In 2017, a monkeypox outbreak occurred in Likouala Department, Republic of the Congo. Many of the affected individuals were of Aka ethnicity, hunter-gatherers indigenous to Central Africa who have worse health outcomes in comparison with other forest-dwelling peoples. To test the hypothesis that Aka people have different risk factors for monkeypox, we analyzed questionnaire data for 39 suspected cases, comparing Aka and Bantu groups. Aka people were more likely to touch animal urine/feces, find dead animals in/around the home, eat an animal that was found dead, or to have been scratched or bitten by an animal (P < 0.05, all variables). They were also more likely to visit the forest ≥ once/week, sleep outside, or sleep on the ground (P < 0.001, all variables), providing opportunities for contact with monkeypox reservoirs during the night. The Aka and possibly other vulnerable groups may warrant special attention during educational and health promotion programs.

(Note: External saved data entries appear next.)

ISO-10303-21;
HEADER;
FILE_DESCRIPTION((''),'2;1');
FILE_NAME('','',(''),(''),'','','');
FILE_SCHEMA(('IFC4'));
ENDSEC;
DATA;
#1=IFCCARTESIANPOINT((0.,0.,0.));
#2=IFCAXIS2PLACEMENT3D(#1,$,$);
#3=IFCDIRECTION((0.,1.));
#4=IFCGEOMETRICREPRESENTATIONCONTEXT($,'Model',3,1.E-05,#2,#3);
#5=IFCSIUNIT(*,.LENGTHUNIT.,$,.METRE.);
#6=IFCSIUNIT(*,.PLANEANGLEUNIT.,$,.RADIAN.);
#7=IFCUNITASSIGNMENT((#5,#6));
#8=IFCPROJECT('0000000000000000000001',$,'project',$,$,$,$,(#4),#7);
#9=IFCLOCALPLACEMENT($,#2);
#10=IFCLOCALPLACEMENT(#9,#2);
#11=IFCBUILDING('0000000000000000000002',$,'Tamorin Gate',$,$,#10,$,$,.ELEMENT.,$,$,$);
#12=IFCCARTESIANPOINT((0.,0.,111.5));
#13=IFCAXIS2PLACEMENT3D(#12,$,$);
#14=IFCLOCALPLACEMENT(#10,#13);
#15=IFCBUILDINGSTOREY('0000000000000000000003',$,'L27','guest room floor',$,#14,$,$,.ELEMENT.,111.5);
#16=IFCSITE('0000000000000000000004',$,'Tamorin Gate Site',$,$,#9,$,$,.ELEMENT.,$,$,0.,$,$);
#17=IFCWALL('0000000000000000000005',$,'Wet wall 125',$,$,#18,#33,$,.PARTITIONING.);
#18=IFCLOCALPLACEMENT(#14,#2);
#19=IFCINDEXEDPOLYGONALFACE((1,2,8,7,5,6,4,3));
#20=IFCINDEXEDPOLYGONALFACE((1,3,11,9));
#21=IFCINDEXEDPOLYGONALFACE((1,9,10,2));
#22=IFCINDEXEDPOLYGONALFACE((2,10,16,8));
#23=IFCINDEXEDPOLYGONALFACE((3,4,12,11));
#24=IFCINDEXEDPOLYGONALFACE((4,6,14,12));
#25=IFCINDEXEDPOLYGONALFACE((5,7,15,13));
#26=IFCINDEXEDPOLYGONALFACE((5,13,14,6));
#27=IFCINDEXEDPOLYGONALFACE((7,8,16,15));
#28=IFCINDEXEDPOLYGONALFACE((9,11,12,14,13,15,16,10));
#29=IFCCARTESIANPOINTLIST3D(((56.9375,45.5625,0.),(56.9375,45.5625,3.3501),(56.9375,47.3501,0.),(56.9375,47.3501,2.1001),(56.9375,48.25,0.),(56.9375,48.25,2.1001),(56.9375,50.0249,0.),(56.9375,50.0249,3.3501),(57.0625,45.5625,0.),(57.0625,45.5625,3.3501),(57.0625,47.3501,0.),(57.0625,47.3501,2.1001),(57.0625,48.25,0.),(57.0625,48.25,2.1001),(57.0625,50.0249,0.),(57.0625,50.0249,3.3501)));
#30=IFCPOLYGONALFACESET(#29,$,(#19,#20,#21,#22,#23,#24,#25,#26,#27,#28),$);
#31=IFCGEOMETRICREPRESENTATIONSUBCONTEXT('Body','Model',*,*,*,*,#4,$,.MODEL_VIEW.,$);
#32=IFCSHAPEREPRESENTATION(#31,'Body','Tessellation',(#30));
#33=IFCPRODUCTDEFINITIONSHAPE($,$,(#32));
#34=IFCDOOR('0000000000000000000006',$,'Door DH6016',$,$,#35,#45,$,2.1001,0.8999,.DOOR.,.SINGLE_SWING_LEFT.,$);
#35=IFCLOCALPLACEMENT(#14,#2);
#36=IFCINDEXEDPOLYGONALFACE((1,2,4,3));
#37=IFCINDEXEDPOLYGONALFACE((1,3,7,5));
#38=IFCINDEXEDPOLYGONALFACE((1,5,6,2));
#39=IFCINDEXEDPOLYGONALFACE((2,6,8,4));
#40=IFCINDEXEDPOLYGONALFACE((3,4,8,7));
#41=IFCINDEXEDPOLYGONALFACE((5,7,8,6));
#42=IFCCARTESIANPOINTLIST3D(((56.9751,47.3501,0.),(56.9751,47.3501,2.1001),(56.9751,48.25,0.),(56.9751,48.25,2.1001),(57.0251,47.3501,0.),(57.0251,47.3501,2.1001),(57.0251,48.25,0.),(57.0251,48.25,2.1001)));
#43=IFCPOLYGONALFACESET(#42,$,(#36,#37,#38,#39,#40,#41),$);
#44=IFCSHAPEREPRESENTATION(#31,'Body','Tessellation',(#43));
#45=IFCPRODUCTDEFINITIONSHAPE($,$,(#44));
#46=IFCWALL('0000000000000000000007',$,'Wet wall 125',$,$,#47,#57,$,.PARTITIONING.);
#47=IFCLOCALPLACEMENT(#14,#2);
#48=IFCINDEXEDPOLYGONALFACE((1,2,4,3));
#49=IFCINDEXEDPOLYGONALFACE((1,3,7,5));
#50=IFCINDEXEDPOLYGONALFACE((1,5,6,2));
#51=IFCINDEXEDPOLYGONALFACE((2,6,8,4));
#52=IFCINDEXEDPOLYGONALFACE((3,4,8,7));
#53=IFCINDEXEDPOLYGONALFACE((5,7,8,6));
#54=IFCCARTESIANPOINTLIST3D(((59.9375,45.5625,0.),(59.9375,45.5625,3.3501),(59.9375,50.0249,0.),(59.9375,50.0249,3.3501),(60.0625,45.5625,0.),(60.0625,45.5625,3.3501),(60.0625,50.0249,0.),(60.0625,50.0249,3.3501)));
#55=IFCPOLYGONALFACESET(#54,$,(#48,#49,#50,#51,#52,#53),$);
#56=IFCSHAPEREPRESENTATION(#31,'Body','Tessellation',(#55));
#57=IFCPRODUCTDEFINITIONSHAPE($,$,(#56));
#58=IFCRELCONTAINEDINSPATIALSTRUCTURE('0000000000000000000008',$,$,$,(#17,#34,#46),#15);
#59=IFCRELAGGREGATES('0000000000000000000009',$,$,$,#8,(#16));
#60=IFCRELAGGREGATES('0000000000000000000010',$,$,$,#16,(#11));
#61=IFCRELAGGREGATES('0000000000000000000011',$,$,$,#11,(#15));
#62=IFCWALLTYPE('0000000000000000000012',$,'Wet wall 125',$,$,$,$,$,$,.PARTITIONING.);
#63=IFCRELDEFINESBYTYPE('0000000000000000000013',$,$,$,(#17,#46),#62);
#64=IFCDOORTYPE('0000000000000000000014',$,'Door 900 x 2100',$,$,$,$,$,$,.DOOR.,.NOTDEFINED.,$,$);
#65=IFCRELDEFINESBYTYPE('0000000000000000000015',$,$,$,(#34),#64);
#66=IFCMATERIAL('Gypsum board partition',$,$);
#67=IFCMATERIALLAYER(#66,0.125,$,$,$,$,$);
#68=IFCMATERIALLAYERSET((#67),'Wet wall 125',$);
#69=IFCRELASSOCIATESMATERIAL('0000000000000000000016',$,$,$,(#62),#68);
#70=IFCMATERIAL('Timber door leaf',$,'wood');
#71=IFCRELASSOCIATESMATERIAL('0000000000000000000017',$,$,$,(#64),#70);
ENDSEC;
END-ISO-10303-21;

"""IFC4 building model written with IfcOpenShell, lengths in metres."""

from ifc_helpers import new_model, si_unit, direction, frame, frame_2d, origin, place, context, subcontext, project, spatial, rectangle, extrude, material, layer, layer_set, type_object, element, fill, save


model = new_model("IFC4")

# Units and contexts
model_context = context("Model", 3, precision=1e-05, world=origin(), true_north=direction((0.0, 1.0)))
body_context = subcontext(model_context, "Body", "Model", "MODEL_VIEW")
ifc_project = project(units=[si_unit("LENGTHUNIT", "METRE"), si_unit("PLANEANGLEUNIT", "RADIAN")], contexts=[model_context])

# Site, building, storey
site_placement = place(None, origin())
site = spatial("IfcSite", under=ifc_project, at=site_placement, Name="Tamorin Gate Site", CompositionType="ELEMENT", RefElevation=0.0)
building_placement = place(site_placement, origin())
building = spatial("IfcBuilding", under=site, at=building_placement, Name="Tamorin Gate", CompositionType="ELEMENT")
storey_placement = place(building_placement, frame((0.0, 0.0, 111.5)))
storey = spatial("IfcBuildingStorey", under=building, at=storey_placement, Name="L27", Description="guest room floor", CompositionType="ELEMENT", Elevation=111.5)

# Shared definitions
ifc_material_1 = material(Name="Gypsum board partition")
ifc_material_2 = material(Name="Timber door leaf", Category="wood")

# Wall, opening, door
ifc_layer_1 = layer(ifc_material_1, 0.125)
ifc_layer_set_1 = layer_set([ifc_layer_1], Name="Wet wall 125")
wall_type_1 = type_object("IfcWallType", Name="Wet wall 125", PredefinedType="PARTITIONING", material=ifc_layer_set_1)
wall_1_placement = place(storey_placement, frame((57.0, 45.5625, 0.0), z_axis=(0.0, 0.0, 1.0), x_axis=(0.0, 1.0, 0.0)))
wall_1 = element("IfcWall", 1, at=wall_1_placement, inside=storey, type_object=wall_type_1, Name="Wet wall 125", PredefinedType="PARTITIONING", context=body_context, shape_type="SweptSolid", body=[
    extrude(rectangle(XDim=4.4624, YDim=0.125, at=frame_2d((2.2312, 0.0))), origin(), (0.0, 0.0, 1.0), 3.3501),
])
opening_1_placement = place(wall_1_placement, frame((1.7876, 0.0, 0.0)))
opening_1 = element("IfcOpeningElement", 2, at=opening_1_placement, cuts=wall_1, PredefinedType="OPENING", context=body_context, shape_type="SweptSolid", body=[
    extrude(rectangle(XDim=0.8999, YDim=2.1001, at=frame_2d((0.45, 1.05))), frame((0.0, 0.0725, 0.0), z_axis=(0.0, -1.0, 0.0), x_axis=(1.0, 0.0, 0.0)), (0.0, 0.0, 1.0), 0.145),
])
door_type_1 = type_object("IfcDoorType", Name="Door 900 x 2100", OperationType="NOTDEFINED", PredefinedType="DOOR", material=ifc_material_2)
door_1_placement = place(opening_1_placement, origin())
door_1 = element("IfcDoor", 3, at=door_1_placement, inside=storey, type_object=door_type_1, Name="Door DH6016", OperationType="SINGLE_SWING_LEFT", OverallHeight=2.1001, OverallWidth=0.8999, PredefinedType="DOOR", context=body_context, shape_type="SweptSolid", body=[
    extrude(rectangle(XDim=0.8999, YDim=2.1001, at=frame_2d((0.45, 1.05))), frame((0.0, 0.0249, 0.0), z_axis=(0.0, -1.0, 0.0), x_axis=(1.0, 0.0, 0.0)), (0.0, 0.0, 1.0), 0.05),
])
fill(opening_1, door_1)

# Wall
wall_2_placement = place(storey_placement, frame((60.0, 45.5625, 0.0), z_axis=(0.0, 0.0, 1.0), x_axis=(0.0, 1.0, 0.0)))
element("IfcWall", 4, at=wall_2_placement, inside=storey, type_object=wall_type_1, Name="Wet wall 125", PredefinedType="PARTITIONING", context=body_context, shape_type="SweptSolid", body=[
    extrude(rectangle(XDim=4.4624, YDim=0.125, at=frame_2d((2.2312, 0.0))), origin(), (0.0, 0.0, 1.0), 3.3501),
])

save(model, "model.ifc")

Monkeypox predominantly affects populations residing in heavily forested regions of Central and West Africa, and recent epidemiological events suggest that its geographic range is expanding and its incidence is increasing.1,2 This emerging zoonosis is often found in isolated and inaccessible areas, where health-care delivery is hampered and public health surveillance is muted. People living in these isolated areas are therefore most vulnerable to monkeypox infection. The Aka people belong to the larger Bayaka ethnicity, a group of indigenous hunter-gatherers who perhaps best exemplify a vulnerable population within the Central African region. Evidence of Bayaka cultures dates back more than 20,000 years,3 and today, these people are threatened by warfare, logging, and the encroachment of agriculture in addition to social stigma and discrimination.4 Unlike the ethnic majority, the Bantu people, their nomadic lifestyle hinders access to education and health care. But even when Bayaka people abandon nomadism, they still experience worse health outcomes relative to their forest-dwelling, non-Bayaka counterparts.5 This raises questions as to whether Bayaka people have increased susceptibility to sylvatic zoonoses such as monkeypox as a consequence of more contact with wild animals and poor access to health services.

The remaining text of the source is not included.